Sebenarnya, perlindungan terhadap serangan semacam ini di sistem operasi Android telah ada sejak Android 7 "Nougat" dirilis pada 2016 sejak pengguna bisa menetapkan kata sandi untuk membuka kunci ponsel. Tanpa kata sandi pembuka, pengguna masih rentan terhadap serangan seperti ransomware CovidLock.

Untungnya, sejumlah peneliti keamanan dari DomainTools telah merekayasa balik kunci dekripsi, dan telah merilisnya secara publik di alamat berikut sehingga para korban dapat membuka kunci perangkat mereka tanpa membayar uang tebusan.

Ketika dikonfirmasikan apakah para peretas hanya dapat membuat kunci dekripsi baru, DomainTools mengatakan bahwa peretas perlu menulis ulang malware dan memindahkannya, dan kunci baru tidak akan memengaruhi siapa pun yang telah mengunduh aplikasi yang terinfeksi. Ini tak lain merupakan salah satu kelemahan besar CovidLock.

Baca Juga:

Para peneliti dari DomainTools menyarankan agar pengguna mencari informasi mengenai COVID-19 dari sumber tepercaya seperti pemerintah dan lembaga penelitian. Selain itu, mereka juga menyarankan pengguna untuk tidak membuka email atau mengklik tautan dengan konten yang berhubungan dengan kesehatan, karena penjahat sedang "mencoba memanfaatkan rasa takut."

Pengguna juga sebagiknya mengunduh aplikasi secara eksklusif dari Google PlayStore, di mana risiko untuk mengunduh aplikasi malware lebih kecil.

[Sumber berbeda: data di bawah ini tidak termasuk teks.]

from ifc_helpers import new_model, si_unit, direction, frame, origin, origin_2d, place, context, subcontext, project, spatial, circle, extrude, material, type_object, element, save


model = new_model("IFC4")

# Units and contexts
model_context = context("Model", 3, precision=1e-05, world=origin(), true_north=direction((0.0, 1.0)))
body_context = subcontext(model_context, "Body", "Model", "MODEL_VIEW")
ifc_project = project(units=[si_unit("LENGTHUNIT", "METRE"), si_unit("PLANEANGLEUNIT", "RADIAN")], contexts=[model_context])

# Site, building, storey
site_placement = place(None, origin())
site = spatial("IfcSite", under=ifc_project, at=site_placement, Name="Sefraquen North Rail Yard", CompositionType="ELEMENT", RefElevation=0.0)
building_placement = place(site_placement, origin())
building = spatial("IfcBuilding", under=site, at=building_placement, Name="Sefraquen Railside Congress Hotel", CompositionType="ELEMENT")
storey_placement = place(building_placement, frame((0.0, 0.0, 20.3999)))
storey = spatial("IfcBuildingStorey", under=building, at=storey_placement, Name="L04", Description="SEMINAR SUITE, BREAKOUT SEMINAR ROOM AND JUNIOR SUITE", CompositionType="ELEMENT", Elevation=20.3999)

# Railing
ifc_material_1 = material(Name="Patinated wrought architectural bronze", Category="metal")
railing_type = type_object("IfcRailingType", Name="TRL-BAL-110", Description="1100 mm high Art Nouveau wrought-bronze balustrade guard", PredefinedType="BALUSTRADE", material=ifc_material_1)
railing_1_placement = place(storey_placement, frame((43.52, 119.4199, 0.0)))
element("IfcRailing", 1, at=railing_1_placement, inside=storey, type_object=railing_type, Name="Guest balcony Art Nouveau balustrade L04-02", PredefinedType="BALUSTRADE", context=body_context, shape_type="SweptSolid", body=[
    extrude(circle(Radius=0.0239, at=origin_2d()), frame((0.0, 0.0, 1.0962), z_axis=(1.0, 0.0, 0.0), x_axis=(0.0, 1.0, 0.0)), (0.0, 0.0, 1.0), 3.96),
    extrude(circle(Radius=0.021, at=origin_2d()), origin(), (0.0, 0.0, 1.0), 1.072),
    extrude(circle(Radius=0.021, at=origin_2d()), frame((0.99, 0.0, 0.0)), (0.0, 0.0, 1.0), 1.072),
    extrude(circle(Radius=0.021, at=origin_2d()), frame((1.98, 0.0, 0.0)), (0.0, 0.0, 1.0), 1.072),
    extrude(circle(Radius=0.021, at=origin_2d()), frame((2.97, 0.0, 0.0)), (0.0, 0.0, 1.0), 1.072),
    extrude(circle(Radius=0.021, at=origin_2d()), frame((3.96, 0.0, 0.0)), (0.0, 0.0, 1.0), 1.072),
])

COVID19 Tracker ini bukan contoh pertama dari aplikasi malware yang menutupi diri mereka sebagai aplikasi pelacakan yang berhubungan dengan virus. Pekan lalu, para peneliti cybersecurity mengidentifikasi beberapa peta pelacak COVID-19 palsu yang menginfeksi komputer orang-orang dengan malware ketika dibuka.

Untungnya, saat ini, situs web yang menampung aplikasi ransomware tersebut tampaknya telah dihapus. Aplikasi ini juga tidak lagi ditemukan di Google Play Store, yang akhirnya membuat penyebaran malware ini bisa ditekan jauh lebih rendah. Meski begitu, kasus ini juga menjadi momen yang tepat untuk mengingatkan semua orang bahwa peretas terus bekerja keras, bahkan di waktu yang mengkhawatirkan seperti saat ini di mana mereka melihat celah untuk beraksi.